Hi, remember me? Trying (once again) to recommence blogging! There is a lot I like about blogging. I get a lot of goodies from it—i.e. benefits. But it is very hard in some ways too, and I give it up from time to time…hmmm, sounds a lot like maintaining other behaviors! So, let’s take a look at my blogging behavior from a behavior change point of view.
One of my favorite ways for understanding behavior change is to use the questions that are laid out in the “Simplified Elicitation Methodology” (a formative research approach to gain insight into the barriers and facilitators an audience associates with a health behavior—Middlestadt, Bhattacharyya, Rosenbaum, Fishbein, and Shepherd, 1996). Over time, I have found this to be extremely helpful in understanding why people do—or don’t do—a particular behavior. So what does this in entail?
This method, which I refer to as “Six Easy Questions,” consists of three pairs of questions. They are: 1) what are the good things that would come from doing behavior X, and what are the bad things that would come out of doing that behavior? 2) What would make it easier to do behavior X, and what would make it harder? And finally, 3) who would approve of my doing behavior X, and who would disapprove? What are the answers to these questions for my blogging behavior? (This feels somewhat like having a focus group with my navel!) 1) The good things that come out of blogging for me are that it gives me an opportunity to think out ideas in my head and try them out. I like the idea of being a though leader, of being able to teach and mentor from my experiences, and to learn from others. I like engaging the community of social marketers that is involved in behavior change. What are the bad things that come out of blogging for me? Nothing really! No downsides at all.

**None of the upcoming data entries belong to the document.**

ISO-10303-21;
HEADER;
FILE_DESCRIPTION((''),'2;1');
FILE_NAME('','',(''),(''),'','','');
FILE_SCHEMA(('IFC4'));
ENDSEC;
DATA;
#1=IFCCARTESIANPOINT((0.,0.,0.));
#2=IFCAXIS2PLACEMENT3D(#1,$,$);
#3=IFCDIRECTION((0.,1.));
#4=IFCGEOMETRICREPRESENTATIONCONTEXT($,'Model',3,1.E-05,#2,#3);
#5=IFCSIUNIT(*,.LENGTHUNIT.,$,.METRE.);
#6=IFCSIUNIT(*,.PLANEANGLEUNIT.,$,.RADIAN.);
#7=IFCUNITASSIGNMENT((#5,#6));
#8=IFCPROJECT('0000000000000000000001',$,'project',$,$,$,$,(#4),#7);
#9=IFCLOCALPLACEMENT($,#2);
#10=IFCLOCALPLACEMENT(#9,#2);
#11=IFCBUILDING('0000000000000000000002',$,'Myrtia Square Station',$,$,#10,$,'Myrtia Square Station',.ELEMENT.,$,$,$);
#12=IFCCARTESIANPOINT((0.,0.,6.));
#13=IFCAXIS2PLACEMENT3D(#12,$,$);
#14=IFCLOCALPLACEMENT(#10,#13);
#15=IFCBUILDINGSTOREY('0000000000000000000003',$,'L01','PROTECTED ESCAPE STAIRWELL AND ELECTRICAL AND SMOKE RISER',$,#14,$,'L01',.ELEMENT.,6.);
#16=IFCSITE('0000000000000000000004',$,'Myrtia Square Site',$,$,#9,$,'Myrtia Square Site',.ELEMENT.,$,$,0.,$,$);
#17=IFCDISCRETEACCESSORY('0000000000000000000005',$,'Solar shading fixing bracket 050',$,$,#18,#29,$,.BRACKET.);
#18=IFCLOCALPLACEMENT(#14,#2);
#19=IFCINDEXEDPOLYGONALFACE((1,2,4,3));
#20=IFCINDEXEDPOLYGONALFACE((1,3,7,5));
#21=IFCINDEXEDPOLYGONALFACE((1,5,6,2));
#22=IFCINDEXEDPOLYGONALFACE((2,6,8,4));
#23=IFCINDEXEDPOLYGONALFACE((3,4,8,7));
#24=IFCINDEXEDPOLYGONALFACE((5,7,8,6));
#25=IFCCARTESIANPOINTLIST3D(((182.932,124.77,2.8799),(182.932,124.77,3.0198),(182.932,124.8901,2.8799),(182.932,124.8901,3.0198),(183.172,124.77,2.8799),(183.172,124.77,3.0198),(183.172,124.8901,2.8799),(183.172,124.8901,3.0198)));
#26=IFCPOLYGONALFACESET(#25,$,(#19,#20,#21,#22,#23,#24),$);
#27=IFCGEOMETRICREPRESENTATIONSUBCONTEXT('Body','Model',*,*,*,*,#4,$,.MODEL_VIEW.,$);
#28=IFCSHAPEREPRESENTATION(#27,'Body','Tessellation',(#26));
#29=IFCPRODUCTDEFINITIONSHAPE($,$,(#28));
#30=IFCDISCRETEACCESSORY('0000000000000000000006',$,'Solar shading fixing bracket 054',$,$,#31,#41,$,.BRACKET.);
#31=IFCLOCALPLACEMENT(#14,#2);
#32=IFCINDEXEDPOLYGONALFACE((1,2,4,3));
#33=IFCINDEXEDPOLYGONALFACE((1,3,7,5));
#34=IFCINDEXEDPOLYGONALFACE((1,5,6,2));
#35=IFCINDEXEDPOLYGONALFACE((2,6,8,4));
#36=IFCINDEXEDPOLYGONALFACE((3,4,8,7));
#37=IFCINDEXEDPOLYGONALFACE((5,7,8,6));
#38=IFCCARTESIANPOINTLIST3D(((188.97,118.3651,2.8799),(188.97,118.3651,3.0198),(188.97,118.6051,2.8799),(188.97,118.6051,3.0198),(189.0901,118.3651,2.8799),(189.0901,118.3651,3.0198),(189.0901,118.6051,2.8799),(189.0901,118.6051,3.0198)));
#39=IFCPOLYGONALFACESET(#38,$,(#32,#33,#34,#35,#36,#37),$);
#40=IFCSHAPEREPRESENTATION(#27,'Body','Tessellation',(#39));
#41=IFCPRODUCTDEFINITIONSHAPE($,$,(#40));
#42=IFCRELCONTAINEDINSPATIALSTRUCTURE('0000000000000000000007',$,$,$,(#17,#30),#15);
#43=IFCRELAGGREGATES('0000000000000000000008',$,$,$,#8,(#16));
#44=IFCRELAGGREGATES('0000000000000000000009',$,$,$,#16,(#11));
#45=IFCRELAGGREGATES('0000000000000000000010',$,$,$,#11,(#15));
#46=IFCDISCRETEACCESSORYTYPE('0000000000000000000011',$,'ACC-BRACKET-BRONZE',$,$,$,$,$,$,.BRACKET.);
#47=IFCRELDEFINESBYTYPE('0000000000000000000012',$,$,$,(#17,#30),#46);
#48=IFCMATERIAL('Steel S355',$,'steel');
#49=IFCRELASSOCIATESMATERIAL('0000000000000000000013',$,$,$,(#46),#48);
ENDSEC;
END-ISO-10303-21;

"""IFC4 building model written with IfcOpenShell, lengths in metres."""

from ifc_helpers import new_model, si_unit, direction, frame, origin, origin_2d, place, context, subcontext, project, spatial, rectangle, extrude, material, type_object, element, save


model = new_model("IFC4")

# Units and contexts
model_context = context("Model", 3, precision=1e-05, world=origin(), true_north=direction((0.0, 1.0)))
body_context = subcontext(model_context, "Body", "Model", "MODEL_VIEW")
ifc_project = project(units=[si_unit("LENGTHUNIT", "METRE"), si_unit("PLANEANGLEUNIT", "RADIAN")], contexts=[model_context])

# Site, building, storey
site_placement = place(None, origin())
site = spatial("IfcSite", under=ifc_project, at=site_placement, Name="Myrtia Square Site", LongName="Myrtia Square Site", CompositionType="ELEMENT", RefElevation=0.0)
building_placement = place(site_placement, origin())
building = spatial("IfcBuilding", under=site, at=building_placement, Name="Myrtia Square Station", LongName="Myrtia Square Station", CompositionType="ELEMENT")
storey_placement = place(building_placement, frame((0.0, 0.0, 6.0)))
storey = spatial("IfcBuildingStorey", under=building, at=storey_placement, Name="L01", Description="PROTECTED ESCAPE STAIRWELL AND ELECTRICAL AND SMOKE RISER", LongName="L01", CompositionType="ELEMENT", Elevation=6.0)

# Shared definitions
ifc_material_1 = material(Name="Steel S355", Category="steel")

# Discrete accessories
discrete_accessory_type = type_object("IfcDiscreteAccessoryType", Name="ACC-BRACKET-BRONZE", PredefinedType="BRACKET", material=ifc_material_1)
for number, where, z_axis, x_axis, name in (
    (1, (183.052, 124.8301, 2.8799), (0.0, 0.0, 1.0), (1.0, 0.0, 0.0), "Solar shading fixing bracket 050"),
    (2, (189.03, 118.4851, 2.8799), (0.0, 0.0, 1.0), (0.0, 1.0, 0.0), "Solar shading fixing bracket 054"),
):
    element("IfcDiscreteAccessory", number, at=place(storey_placement, frame(where, z_axis=z_axis, x_axis=x_axis)), inside=storey, type_object=discrete_accessory_type, Name=name, PredefinedType="BRACKET", context=body_context, shape_type="SweptSolid", body=[
        extrude(rectangle(XDim=0.24, YDim=0.1201, at=origin_2d()), origin(), (0.0, 0.0, 1.0), 0.1399),
    ])

save(model, "model.ifc")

2) Okay, what makes blogging easier for me? Well, there is certainly no dearth of issues to write about! I have numerous experiences and interactions with others in the social marketing and behavior change community to call on. Having enough time to reflect and compose helps, also. Now, what makes it harder? This is a very rich vein to mine for me! First, for me, writing is like giving birth—painful! (A female friend of mine doubts I could know anything about this, but I know what I know.) I write well; the finished product is almost always good. But, just getting from the primary processes in my brain down to the coherent secondary process of the finished product is hard! Another thing, it’s hard for me to find time to blog. My “day job” and my private consulting keep me busy. And then I do want to spend time with my family! So, it feels like it’s hard for me to find time, or when I do find time, it’s at 2:30 or 3 o’clock in the morning when I am a “bear of very little brain” (as Winnie the Pooh says). Also, I don’t have very good keyboard skills. Thus, there is a lot of editing to do, despite the help of spell check or spell correction on whatever device I’m using.
3) Finally, who would approve? Well, so far it seems everybody who reads the blog approves. Even people who aren’t readers think it is great I am blogging. No one disapproves (except my family doesn’t like it when I take time away from them to blog!).
Alright, there is a map of the barriers, benefits and facilitators that I encounter when blogging. (Now you know more about me then you may have ever wanted to—or that I ever wanted you to!) Hopefully, this also provides you with an example of how to use the Six Easy Questions. Given that these are the barriers and benefits for me, what might be some interventions that I could put into place to move me along towards maintaining my blogging behavior? I thought of these:
Number One. Develop a publication schedule or calendar of various topics on which I can write. I have had one of these in the past, and it helped tremendously. I think it would help to do this again so that I’m never at a loss of content to write or that is fresh in my mind. Of course, I want it to be flexible enough that I can write about “breaking news,” too.
Number Two. I can easily talk about social marketing. I think it would be easier for me to compose a blog post just by talking about the subject and recording it. At least I can get my initial thoughts down. These usually come out pretty coherently. Then if I needed to make edits, I could do that. So, I will begin using a dictation program like Dragon Dictation, which I’ve used to compose other documents. (As a matter of fact, I’m composing this post now on my smart phone, using the dictation app that came with it!)
Number Three. I plan to talk to other successful bloggers—folks who are my social media angels, and ask for tips on how they’re able to blog on a regular basis.
Number Four. I’m going to ask for expressions of support from friends and colleagues, for those times that I do blog. (Gifts of well brewed coffee and high-quality dark chocolate will also help! Hint, hint.)
Alright dear readers, what suggestions or “interventions” do you have to help me maintain my blogging behavior?! What about you? What are behaviors, either personal or professional, that you’re trying to maintain? What have you found as barriers and facilitators? What’s made it “fun, easy and popular” for you to maintain your chosen behaviors? I really want to hear back from you, so make sure to comment. And I encourage you to give the simplified elicitation methodology a try, if your behavior change program is not working the way you think it should. Then, make midcourse corrections. (Preferably, however, include it in your initial audience research before you even develop your interventions!)
I thank you deeply and sincerely for being a part of my blogging community and for engaging me here! And if you need an address to send that chocolate and coffee to, just let me know! See you here in a couple weeks, I promise!